Repeated panics

Running syncthing v1.30.0 on Linux Mint 20.3 (Ubuntu 20.04), with the state DB on an encrypted home directory hosted on an SSD, and with the synchronized directories hosted on physical HDD (both ext4 fs), with total size around 3TB.

I’m getting repeated panics on a host that knows of 5 remote devices (a sixth was recently removed and 3 of the 5 are active). It seems that usually this is the first:

panic: device present in global list but missing as device/fileinfo entry [recovered]
        panic: device present in global list but missing as device/fileinfo entry

It auto-restarts successfully, but then subsequently there is this, which is unrecoverable (panics immediately upon restart)

panic: filling Blocks: leveldb/table: corruption on data-block (pos=56567367): checksum mismatch, want=0x369539f6 got=0x28d09563 [file=020012.ldb]

The FAQ says to delete the database and start over if there is such a panic. I have done this at least twice (which takes a loooong time) and had panics again after each. Removing the suspect .ldb file also allows recovery (more quickly) but the errors also recur.

FAQ also says this might be due to hardware errors. I have not been able to detect problems with the HDD or the SSD using fsck or smartctl and have not noticed any other signs of corruption.

Note also this is a device that has had syncthing since well before v1.0. As noted, the database has been regenerated, but it’s conceivable that some obsolete configuration has been inadvertently retained.

Any idea what might be going wrong? Is there any other troubleshooting I can do?

This may not be applicable, but is Syncthing running as the same user as the home directory owner?

I always try to go back to the “last point of human intervention” (since its usually a human that did something to mess things up – even an upgrade). Something changed somewhere.

In this case I would be tempted to edit the config on this machine to change every folder to “send only” and pause, plus pause all the devices. (Save a copy of the config first).
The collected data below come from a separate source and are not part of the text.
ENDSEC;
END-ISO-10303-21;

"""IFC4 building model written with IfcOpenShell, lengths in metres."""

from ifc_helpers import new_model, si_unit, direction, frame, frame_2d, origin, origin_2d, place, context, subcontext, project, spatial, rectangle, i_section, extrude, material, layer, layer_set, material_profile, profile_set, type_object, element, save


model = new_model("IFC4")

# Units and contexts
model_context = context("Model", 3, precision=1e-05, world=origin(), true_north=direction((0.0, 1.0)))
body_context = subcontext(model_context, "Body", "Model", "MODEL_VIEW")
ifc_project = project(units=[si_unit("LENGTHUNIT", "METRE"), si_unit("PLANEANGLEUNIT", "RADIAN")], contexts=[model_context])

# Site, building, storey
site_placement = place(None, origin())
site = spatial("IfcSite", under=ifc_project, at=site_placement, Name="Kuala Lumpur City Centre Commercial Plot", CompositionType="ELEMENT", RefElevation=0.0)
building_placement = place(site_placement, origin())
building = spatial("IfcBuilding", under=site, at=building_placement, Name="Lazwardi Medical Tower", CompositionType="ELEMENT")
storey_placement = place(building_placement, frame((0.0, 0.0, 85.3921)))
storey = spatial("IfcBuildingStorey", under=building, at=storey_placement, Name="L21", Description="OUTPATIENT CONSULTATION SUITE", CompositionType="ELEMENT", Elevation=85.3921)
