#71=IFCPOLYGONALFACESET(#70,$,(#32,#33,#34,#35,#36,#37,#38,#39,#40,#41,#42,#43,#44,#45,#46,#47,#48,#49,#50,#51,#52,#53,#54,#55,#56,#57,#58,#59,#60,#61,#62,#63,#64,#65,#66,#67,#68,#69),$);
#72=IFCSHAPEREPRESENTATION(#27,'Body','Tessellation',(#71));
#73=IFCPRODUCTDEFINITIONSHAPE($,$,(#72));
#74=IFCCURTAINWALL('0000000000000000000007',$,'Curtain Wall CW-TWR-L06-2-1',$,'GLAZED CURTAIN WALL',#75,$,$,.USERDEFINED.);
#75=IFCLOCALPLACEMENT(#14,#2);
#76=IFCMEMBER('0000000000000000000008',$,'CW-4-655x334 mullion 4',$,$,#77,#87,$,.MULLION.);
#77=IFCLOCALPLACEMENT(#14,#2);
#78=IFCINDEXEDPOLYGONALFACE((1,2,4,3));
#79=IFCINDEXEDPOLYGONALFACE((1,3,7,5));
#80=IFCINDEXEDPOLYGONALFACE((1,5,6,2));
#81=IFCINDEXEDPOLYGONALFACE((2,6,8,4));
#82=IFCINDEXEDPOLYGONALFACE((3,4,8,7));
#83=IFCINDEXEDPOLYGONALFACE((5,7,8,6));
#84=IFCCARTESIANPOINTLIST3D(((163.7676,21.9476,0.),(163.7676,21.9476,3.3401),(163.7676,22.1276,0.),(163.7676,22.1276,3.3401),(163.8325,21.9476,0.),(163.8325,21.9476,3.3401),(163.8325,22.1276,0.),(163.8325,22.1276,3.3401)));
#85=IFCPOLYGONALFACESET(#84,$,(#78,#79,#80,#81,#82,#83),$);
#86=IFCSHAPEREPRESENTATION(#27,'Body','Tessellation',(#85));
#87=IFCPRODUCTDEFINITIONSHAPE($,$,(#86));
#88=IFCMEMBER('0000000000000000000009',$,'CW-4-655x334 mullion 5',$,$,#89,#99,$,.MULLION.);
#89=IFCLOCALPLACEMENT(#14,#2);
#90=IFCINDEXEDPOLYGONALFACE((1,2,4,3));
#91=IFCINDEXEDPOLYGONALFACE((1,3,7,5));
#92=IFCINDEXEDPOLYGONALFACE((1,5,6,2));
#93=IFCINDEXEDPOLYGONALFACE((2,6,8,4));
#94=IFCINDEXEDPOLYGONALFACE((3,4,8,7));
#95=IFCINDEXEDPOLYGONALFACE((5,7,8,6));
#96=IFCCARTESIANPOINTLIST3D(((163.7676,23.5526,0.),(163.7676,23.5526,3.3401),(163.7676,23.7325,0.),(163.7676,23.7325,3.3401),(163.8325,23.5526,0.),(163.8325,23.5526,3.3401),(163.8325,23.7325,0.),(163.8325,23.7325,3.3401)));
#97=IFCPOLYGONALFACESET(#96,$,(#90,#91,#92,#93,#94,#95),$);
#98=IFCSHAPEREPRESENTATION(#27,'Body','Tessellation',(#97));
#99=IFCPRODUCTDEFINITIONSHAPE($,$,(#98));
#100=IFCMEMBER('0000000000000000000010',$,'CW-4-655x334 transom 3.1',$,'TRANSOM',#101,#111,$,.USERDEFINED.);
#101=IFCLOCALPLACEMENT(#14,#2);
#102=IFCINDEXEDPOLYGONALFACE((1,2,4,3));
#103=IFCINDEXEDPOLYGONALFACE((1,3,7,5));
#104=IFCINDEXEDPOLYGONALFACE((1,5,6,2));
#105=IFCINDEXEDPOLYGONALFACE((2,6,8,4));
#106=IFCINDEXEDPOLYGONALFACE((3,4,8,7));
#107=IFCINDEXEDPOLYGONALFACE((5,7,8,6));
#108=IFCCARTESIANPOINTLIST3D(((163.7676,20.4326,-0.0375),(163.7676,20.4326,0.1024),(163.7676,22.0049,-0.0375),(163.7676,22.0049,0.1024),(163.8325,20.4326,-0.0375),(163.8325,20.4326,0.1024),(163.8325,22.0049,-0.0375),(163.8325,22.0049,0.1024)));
Let the database rebuild (there won’t be much with the all the folders and devices paused), then unpause one folder at a time until you get the panic. Wait for all the scanning and hashing to settle before unpausing the next one – meaning, wait several minutes after scanning is complete on a folder before unpausing the next. Maybe watch Syncthing cpu usage to drop first.

If you successfully unpause all the folders, begin to unpause each device, give it time to exchange data and compare etc – again, Syncthing CPU usage may be a helpful proxy.

If you get a panic with everything paused then the problem is possibly the home directory permissions or access.

Just my 2c, this may give you better ideas!

Nuke it, upgrade to 2.0, see if it helps.

1 Like

Is the encrypted home directory on ecryptfs by any chance? I think I read some trouble reports about keeping the database on that, especially with the new SQLite implementation in v2. Do some research first and see if you can get rid of ecryptfs if in use.

Taking all of your suggestions, I am rebuilding the database using v2, having moved it off the ecryptfs, and taking it slow. So far the database has rebuilt from new scans (seemingly a bit faster than v1). But haven’t synced with other computers yet. Crossing my fingers. Thanks for the ideas.

It turns out the likely root of the problem was a failing memory chip. Syncthing seems to be a good hardware fault detector :slight_smile:

Given the suggestions, I moved the syncthing home directory to a non-default location outside ecryptfs. Related question however: What is the correct way to do this permanently in Debian/Ubuntu? I had modified the startup script /lib/systemd/system/syncthing@.service to provide the --home option. But this was overwritten when syncthing was upgraded from 2.0.11 to 2.0.12.

1 Like

This should be a good starting point:

sudo systemctl edit syncthing@YOUR_USER_NAME.service
1 Like

This topic was automatically closed 30 days after the last reply. New replies are no longer allowed.